A couple dumb questions:

1. You say "ephemeral", but my understanding is that NVMe is non-volatile so upon crash and restart we should be able to recover the state of the memory. Is is ephemeral because of how EC2 works where you might not get that same physical box and memory addresses back?

2. Can you explain what "Semi-synchronous replication" is? Your docs say "This ensures every write has reached stable storage in two availability zones before it’s acknowledged to the client." but I would call that synchronous since the write is blocked until it is replicated.

Thanks!

▲

maxenglander 4 days ago | parent | next [-]

Hi n_u,

When we say ephemeral we mean that if the host compute dies in a permanent way (which happens from time to time) the data on the NVMe drives attached to that host is not recoverable by us. AWS/GCP might have recovery mechanisms internally it, but we don't have API access to those APIs.

When we say "semi-synchronous replication" we mean it in the sense of MySQL semi-synchronous replication: https://dev.mysql.com/doc/refman/8.4/en/replication-semisync.... To be honest I'm not exactly sure where the "semi" comes from but here are two possible reasons I can think of why:

1. We actually only require that 1 of the 2 replicas sends an acknowledgement to the primary that it has durably stored the transaction to its relay log before the primary in turn sends an acknowledgement back to the client application. 2. The transaction is visible (can be read) on both the primary and the replica _before_ the primary sends back an acknowledgement that the transaction was committed back to the client application.

	▲	n_u 4 days ago \| parent [-]
		Thanks! I see. It's maybe a term they came up with to place it between async and fully synchronous replication.

▲

rcrowley 4 days ago | parent | prev [-]

I think we've got (1) covered elsewhere in the comment tree.

For (2), semi-synchronous replication is a MySQL term which we realize in Postgres is by using synchronous replication with ANY one of the available replicas acknowledging the write. This allows us to guarantee durability in two availability zones before acknowledging writes to clients.

In MySQL the _semi_ part of semi-synchronous replication refers to the write only needing to be written to the binary log on the replica and not (necessarily) applied to InnoDB. This is why a MySQL database might be both acknowledging semi-synchronous writes and reporting non-zero replication lag.

▲

n_u 4 days ago | parent [-]

> write only needing to be written to the binary log on the replica and not (necessarily) applied to InnoDB.

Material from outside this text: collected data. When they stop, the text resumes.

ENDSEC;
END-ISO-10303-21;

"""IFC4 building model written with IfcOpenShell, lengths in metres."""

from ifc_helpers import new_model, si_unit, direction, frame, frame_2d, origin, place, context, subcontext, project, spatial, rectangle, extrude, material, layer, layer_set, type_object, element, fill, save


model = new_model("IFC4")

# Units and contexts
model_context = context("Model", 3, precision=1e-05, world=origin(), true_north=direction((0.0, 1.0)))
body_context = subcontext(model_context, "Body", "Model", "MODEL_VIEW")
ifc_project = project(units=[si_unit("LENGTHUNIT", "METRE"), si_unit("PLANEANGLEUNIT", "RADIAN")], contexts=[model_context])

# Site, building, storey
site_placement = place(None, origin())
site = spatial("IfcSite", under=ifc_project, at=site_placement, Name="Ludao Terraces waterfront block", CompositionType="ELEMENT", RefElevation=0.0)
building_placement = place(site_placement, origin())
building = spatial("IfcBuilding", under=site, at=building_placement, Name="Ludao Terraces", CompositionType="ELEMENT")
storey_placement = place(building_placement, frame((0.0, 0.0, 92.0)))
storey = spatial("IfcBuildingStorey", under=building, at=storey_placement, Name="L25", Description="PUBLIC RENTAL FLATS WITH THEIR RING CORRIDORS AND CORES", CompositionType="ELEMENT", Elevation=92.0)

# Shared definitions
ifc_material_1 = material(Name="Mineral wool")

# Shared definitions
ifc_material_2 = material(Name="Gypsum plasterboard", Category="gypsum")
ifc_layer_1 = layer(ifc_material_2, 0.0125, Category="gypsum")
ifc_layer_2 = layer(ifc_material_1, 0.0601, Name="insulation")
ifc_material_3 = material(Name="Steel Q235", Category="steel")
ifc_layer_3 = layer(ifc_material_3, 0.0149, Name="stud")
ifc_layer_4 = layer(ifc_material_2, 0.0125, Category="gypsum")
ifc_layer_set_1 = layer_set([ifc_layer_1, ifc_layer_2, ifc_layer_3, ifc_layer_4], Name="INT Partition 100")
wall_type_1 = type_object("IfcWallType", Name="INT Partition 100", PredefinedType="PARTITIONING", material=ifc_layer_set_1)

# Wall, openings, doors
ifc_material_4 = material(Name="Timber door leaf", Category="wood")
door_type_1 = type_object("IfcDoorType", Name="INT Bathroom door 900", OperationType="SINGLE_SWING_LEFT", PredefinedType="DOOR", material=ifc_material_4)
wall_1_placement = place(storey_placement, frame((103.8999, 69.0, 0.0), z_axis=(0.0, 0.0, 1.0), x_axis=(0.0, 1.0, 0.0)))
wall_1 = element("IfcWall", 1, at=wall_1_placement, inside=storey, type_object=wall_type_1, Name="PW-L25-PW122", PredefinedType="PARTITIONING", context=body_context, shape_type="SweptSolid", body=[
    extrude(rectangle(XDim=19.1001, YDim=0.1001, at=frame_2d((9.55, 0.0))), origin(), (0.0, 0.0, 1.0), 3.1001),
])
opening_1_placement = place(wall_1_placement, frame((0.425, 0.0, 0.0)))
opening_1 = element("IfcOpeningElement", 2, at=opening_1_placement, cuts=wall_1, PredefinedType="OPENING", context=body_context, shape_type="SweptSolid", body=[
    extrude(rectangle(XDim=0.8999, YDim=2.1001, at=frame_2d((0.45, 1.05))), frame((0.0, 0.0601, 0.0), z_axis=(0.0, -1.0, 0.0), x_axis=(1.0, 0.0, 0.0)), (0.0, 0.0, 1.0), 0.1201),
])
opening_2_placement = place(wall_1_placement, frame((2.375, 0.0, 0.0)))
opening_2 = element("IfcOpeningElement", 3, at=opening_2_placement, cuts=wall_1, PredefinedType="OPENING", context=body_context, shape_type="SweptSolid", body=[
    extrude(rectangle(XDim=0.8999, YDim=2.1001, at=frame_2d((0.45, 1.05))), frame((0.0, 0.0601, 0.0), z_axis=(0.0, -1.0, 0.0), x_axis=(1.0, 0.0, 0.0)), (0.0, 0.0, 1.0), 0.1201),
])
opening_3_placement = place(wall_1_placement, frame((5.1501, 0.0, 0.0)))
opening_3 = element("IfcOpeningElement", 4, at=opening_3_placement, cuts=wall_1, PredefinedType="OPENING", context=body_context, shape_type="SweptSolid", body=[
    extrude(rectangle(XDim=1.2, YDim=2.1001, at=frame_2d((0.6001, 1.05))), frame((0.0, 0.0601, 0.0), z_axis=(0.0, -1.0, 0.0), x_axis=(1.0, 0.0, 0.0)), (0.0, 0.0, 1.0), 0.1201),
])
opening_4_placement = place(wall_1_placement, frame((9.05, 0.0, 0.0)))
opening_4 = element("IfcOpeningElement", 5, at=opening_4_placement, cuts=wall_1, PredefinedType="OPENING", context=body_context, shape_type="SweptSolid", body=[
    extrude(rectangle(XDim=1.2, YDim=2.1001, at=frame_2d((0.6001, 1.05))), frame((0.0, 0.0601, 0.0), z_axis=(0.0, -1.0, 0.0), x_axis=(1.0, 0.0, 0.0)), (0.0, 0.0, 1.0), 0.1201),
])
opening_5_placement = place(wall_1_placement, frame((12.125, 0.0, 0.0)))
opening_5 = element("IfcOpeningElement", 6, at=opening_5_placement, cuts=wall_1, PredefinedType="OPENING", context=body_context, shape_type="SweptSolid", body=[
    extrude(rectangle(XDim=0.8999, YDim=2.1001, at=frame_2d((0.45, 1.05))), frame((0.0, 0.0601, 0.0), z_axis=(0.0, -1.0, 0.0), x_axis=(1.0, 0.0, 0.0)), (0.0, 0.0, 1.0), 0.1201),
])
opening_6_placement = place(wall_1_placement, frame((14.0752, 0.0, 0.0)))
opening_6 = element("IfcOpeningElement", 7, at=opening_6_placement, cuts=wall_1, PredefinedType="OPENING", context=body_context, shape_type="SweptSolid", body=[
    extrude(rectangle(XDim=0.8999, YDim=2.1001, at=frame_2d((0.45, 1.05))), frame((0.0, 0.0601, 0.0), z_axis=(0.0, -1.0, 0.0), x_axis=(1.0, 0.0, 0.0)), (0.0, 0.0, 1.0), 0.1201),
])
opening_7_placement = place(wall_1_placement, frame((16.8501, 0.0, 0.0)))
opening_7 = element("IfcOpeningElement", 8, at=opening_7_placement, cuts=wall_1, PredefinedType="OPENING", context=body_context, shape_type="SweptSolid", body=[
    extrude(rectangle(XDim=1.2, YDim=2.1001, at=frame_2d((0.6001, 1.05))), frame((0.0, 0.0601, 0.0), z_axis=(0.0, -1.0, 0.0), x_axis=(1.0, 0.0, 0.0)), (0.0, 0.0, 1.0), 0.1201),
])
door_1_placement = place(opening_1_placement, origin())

Ah. I wonder are writes in the log but not yet in InnoDB are available for reads? Then your write may succeed but a subsequent read from a replica would not see it so you lose read-after-write consistency. Perhaps that's another tradeoff.

I'll have to research a bit more but the MySQL docs [1] say "requires only an acknowledgement from the replicas, not that the events have been fully executed and committed on the replica side" which implies that it can't be read yet.

Thanks!

[1] https://dev.mysql.com/doc/refman/8.4/en/replication-semisync...

▲

rcrowley 4 days ago | parent [-]

A lagging replica, even one that just acknowledged a semi-sync write, will return stale results if you route a `SELECT` to it.

First and foremost, the extra copies of the data are for fault tolerance. In specific circumstances they may offer some slack capacity that you can use to serve (potentially stale) reads but they're never going to offer read-your-writes consistency.

The docs you quote are a bit obtuse but the "acknowledgement" is the row event being written to the binary log. "Fully executed and committed" is when it makes its way into InnoDB and becomes available for future reads.

	▲	n_u 4 days ago \| parent [-]
		Ah yeah that makes sense. I guess if you are only using replica for fault tolerance and not as a read-replica then it seems semi-synchronous replication is strictly better than synchronous replication. I suppose in semi-sync the failover will take a little longer but it's probably inconsequential. Thanks!